String compression on windows

Hi all :slight_smile:

I’m forced to use windows. Is there any string compression pkg that can be used on windows? (like GitHub - ararslan/Shoco.jl: Julia wrapper for the shoco string compression C library)

Thank you!

@ararslan what does

The Shoco C library does not work on Windows due to lack of C99 support, which means that this package has the same restriction.

mean? :thinking:

Looks like both the library and the package aren’t mantained, GitHub - siara-cc/Unishox: Guaranteed compression for Unicode short strings. This looks like a decent substitute, it’s pure C and it works with unicode, I’m gonna try a local binarybuilder build to write a wrapper, the api seems to be 2 functions

1 Like

That sounds awesome.

Maybe I have to describe my use case. I have a really large JSON string that I want to compress.

Rather than compression json, you might want to consider using a more efficient format in the first place. Binary data formats are likely going to be smaller and faster than compressed json.

1 Like

In that case GitHub - JuliaIO/TranscodingStreams.jl: Simple, consistent interfaces for any codec. is probably your best bet, shoco and apparently unishox, are for short strings. Also what Oscar said

1 Like

I know but I can’t decide that…

I… don’t entirely remember. Best I recall, Shoco doesn’t support Windows because it relies on C99 features that aren’t available on Windows, though maybe that’s just a limitation of MSVC (I don’t know) and maybe support for a 22 year old standard has since been added.
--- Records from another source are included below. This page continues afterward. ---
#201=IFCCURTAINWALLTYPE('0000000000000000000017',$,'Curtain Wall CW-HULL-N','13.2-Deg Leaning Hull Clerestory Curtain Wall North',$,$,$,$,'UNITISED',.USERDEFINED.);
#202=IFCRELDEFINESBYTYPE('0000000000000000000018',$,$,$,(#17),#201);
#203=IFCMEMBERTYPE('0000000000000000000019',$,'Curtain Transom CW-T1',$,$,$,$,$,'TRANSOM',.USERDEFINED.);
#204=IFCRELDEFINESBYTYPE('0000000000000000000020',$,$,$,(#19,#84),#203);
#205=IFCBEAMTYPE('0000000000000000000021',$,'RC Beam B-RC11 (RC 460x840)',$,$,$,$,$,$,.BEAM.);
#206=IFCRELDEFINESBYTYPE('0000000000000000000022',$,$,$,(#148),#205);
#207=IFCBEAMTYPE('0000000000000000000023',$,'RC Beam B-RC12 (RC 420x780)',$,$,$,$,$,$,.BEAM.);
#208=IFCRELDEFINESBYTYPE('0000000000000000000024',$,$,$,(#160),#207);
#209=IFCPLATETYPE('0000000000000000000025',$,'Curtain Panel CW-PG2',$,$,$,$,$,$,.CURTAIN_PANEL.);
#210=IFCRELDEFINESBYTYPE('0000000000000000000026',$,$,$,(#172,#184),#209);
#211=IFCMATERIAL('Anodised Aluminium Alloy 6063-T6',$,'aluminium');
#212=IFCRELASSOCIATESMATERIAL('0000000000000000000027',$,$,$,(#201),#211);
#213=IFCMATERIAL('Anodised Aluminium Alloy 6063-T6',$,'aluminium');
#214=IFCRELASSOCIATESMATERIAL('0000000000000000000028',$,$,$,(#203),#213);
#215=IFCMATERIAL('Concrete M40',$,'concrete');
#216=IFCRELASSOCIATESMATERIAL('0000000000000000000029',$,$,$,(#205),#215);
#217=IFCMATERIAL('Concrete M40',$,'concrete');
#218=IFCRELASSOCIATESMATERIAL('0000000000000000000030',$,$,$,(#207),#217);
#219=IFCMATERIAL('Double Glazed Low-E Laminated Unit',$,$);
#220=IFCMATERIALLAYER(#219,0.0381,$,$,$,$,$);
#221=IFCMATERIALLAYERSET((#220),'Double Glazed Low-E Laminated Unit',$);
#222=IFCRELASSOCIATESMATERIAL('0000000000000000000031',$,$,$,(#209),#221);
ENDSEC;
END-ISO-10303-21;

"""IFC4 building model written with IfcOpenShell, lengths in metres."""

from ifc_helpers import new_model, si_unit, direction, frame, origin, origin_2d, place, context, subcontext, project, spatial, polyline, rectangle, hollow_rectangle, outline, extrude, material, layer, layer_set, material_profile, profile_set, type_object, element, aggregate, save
I’ve not thought about Shoco in a long time. :sweat_smile:

I don’t know of better than Shoco, that I knew of and Unishox I just learned of, except for my own idea. I intend to implement it in Julia, basically it’s coding bigraphs (or tigraphs), not single letters, for compressing two letters into a byte (or by a third, 3 into 1 byte, or more likely 6 into 2), giving direct index (most often) and faster sorting.

If you see such a library please let me know, then I don’t have to do it. Or if you want to implement yourself or collaborate.

I see Portuguese compresses the most down to 40% (except for Chinese and Japanese), a bit more than my bigram idea (while losing direct indexing). Do you need to support mostly one specific language, or few, then which? My bigram idea is almost trivial to code, trigram more involved, do you really need down to 33%?

I have lots of memory compression ideas that have higher priority, e.g. for numbers. I choose the priority based on what excites me most at the time. If you want direct indexing into a string then UTF-8 is already a problem, TranscodingStreams.jl would also be a problem, and it seems also the two short-string compression methods already mentioned.

Binary formats are more compact (for e.g. numbers), but I believe they (most of them at least) use UTF-8 still uncompressed, for the text parts in JSON.